Any action to enforce this agreement must be brought in the State of Washington. This choice
of jurisdiction does not prevent either party from seeking injunctive relief in any appropriate
jurisdiction with respect to a violation of intellectual property rights.
i. Entire agreement. This agreement is the entire agreement concerning its subject matter and
supersedes any prior or concurrent communications. In the case of a conflict between any
documents in this agreement that is not expressly resolved in those documents, their terms will
control in the following order of descending priority:
(1) this Microsoft Online Subscription Agreement, (2) the Online Services Terms, (3) the
applicable Offer Details, and (4) any other documents in this agreement.
j. Survival. The terms in Sections 1, 2.c., 2.e., 4, 5, 6, 7, and 8 will survive termination or
expiration of this agreement.
k. U.S. export jurisdiction. The Products are subject to U.S. export jurisdiction. You must
comply with all applicable laws, including the U.S. Export Administration Regulations, the
International Traffic in Arms Regulations, and end-user, end-use and destination restrictions
issued by U.S. and other governments.
l. Force majeure. Neither party will be liable for any failure in performance due to causes
beyond that party’s reasonable control (such as fire, explosion, power blackout, earthquake,
flood, severe storms, strike, embargo, labor disputes, acts of civil or military authority, war,
terrorism (including cyber terrorism), acts of God, acts or omissions of Internet traffic carriers,
actions or omissions of regulatory or governmental bodies (including the passage of laws or
regulations or other acts of government that impact the delivery of Online Services)). This
Section will not, however, apply to your payment obligations under this agreement.
m. Contracting authority. If you are an individual accepting these terms on behalf of an entity,
you represent that you have the legal authority to enter into this agreement on that entity’s
behalf. If you specify an entity, or you use an email address provided by an entity you are
affiliated with (such as an employer) in connection with a Subscription purchase or renewal,
that entity will be treated as the owner of the Subscription for purposes of this agreement.
8. Definitions.
Any reference in this agreement to “day” will be a calendar day.
“Acceptable Use Policy” is set forth in the Online Services Terms.

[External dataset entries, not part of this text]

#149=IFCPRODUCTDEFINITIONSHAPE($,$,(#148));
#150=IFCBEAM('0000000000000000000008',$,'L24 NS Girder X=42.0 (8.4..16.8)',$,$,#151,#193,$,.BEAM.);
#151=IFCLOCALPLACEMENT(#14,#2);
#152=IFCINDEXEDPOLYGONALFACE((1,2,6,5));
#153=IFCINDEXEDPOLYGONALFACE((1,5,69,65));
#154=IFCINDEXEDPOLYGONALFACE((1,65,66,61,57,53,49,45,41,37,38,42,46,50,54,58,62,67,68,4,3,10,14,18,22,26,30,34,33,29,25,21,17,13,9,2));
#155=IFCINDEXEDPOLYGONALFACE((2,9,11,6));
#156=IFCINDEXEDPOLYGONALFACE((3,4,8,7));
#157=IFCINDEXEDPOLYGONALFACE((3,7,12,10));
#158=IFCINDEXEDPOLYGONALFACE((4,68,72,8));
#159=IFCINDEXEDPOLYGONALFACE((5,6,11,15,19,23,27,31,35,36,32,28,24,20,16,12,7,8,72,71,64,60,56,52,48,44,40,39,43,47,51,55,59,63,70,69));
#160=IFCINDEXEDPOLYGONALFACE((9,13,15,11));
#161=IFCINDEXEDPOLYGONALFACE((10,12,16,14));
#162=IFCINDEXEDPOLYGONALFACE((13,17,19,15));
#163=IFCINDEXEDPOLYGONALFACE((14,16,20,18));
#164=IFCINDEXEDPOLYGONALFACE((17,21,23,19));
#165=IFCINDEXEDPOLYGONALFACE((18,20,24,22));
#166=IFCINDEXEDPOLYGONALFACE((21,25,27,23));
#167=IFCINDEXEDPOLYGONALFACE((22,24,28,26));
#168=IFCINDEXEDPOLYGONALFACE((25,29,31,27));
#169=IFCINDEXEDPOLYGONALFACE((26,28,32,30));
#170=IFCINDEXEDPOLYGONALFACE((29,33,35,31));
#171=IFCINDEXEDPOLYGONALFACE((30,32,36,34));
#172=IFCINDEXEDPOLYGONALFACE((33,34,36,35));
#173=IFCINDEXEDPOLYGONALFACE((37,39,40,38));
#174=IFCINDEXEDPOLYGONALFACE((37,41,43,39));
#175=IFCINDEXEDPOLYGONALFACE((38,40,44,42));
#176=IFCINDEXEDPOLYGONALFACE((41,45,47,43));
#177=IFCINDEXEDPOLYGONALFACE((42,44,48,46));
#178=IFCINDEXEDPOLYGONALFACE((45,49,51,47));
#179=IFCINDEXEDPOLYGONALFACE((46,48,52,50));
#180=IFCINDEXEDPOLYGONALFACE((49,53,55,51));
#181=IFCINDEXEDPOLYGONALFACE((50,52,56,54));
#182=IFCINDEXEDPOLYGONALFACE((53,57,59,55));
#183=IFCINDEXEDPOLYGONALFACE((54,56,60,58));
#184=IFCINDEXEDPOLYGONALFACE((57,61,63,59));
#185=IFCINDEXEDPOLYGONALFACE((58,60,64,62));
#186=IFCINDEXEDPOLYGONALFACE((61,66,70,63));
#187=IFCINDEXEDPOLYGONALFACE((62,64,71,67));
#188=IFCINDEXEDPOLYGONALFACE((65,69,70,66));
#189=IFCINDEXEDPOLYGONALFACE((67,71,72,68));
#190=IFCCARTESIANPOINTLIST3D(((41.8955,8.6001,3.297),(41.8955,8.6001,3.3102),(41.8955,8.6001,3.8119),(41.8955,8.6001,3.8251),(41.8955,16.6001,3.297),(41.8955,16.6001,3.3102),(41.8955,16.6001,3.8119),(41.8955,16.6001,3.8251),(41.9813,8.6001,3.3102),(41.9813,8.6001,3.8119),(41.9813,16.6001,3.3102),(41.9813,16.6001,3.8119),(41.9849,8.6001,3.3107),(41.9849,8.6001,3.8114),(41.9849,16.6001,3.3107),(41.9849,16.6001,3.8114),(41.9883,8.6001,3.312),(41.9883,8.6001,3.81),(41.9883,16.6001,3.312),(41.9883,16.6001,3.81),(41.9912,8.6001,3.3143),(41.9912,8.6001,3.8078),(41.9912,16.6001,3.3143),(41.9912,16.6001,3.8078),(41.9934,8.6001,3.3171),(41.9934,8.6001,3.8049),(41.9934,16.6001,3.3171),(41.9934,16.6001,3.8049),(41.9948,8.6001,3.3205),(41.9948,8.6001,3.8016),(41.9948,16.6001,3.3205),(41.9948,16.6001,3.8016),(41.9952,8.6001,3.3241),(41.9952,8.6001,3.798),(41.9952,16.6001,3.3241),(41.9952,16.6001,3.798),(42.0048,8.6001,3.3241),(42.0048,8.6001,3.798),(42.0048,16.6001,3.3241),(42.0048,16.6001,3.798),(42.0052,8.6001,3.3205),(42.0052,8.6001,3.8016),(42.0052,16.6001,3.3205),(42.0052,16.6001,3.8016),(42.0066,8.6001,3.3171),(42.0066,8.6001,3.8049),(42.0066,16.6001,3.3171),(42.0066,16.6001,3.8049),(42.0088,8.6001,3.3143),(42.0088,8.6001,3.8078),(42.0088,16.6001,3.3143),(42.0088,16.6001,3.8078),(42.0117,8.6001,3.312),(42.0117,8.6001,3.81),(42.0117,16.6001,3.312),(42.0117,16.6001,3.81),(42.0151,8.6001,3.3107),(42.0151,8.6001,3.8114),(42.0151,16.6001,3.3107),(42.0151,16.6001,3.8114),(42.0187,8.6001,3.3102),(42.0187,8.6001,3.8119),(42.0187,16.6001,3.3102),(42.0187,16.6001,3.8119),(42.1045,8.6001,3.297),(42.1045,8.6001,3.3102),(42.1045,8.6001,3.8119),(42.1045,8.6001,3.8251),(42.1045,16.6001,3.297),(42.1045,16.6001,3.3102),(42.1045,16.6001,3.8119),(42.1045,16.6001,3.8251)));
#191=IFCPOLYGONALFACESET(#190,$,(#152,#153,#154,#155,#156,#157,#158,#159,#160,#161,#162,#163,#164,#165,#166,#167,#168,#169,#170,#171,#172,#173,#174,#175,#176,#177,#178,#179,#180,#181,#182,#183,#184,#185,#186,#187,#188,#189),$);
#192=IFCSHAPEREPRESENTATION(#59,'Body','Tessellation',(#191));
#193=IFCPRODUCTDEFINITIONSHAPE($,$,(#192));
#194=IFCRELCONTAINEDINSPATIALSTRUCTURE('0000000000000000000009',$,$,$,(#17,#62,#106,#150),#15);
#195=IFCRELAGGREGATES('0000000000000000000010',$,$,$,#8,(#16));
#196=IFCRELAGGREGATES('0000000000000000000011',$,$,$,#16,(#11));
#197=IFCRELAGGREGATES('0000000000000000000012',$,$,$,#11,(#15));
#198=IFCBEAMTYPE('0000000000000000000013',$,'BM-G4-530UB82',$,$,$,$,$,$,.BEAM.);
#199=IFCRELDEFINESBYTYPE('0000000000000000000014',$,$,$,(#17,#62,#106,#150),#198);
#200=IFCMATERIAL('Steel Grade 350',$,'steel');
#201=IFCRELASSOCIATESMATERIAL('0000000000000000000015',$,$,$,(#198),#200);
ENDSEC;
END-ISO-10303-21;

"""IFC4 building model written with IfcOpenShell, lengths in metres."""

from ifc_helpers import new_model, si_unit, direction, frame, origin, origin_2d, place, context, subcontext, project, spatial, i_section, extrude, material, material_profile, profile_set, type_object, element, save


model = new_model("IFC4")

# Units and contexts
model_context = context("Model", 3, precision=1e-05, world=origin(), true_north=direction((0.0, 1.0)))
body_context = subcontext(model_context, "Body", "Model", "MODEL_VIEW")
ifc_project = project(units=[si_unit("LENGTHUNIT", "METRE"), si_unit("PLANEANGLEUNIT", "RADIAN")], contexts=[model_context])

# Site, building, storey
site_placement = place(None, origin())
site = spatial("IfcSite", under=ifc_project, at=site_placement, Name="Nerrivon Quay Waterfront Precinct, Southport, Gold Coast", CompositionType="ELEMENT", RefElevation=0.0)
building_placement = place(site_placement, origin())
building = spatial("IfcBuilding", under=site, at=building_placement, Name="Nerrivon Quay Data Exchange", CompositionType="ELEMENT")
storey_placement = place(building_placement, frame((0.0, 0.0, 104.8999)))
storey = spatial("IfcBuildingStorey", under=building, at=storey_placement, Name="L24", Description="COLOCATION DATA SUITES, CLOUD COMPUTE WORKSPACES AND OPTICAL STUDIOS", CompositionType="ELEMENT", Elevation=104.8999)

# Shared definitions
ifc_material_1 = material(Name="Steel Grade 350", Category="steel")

“Affiliate” means any legal entity that a party owns, that owns a party, or that is under common ownership
with a party. “Ownership” means, for purposes of this definition, control of more than a 50% interest in an
entity.
“Consumption Offering”, “Commitment Offering”, or “Limited Offering” describe categories of
Subscription offers and are defined in Section 2.
“Customer Data” is defined in the Online Services Terms.
“Customer Solution” is defined in the Online Services Terms.
“End User” means any person you permit to access Customer Data hosted in the Online Services or
otherwise use the Online Services, or any user of a Customer Solution.
“Managed Service Solution” means a managed IT service you provide to a third party that consists of the
administration of and support for Microsoft Azure Services.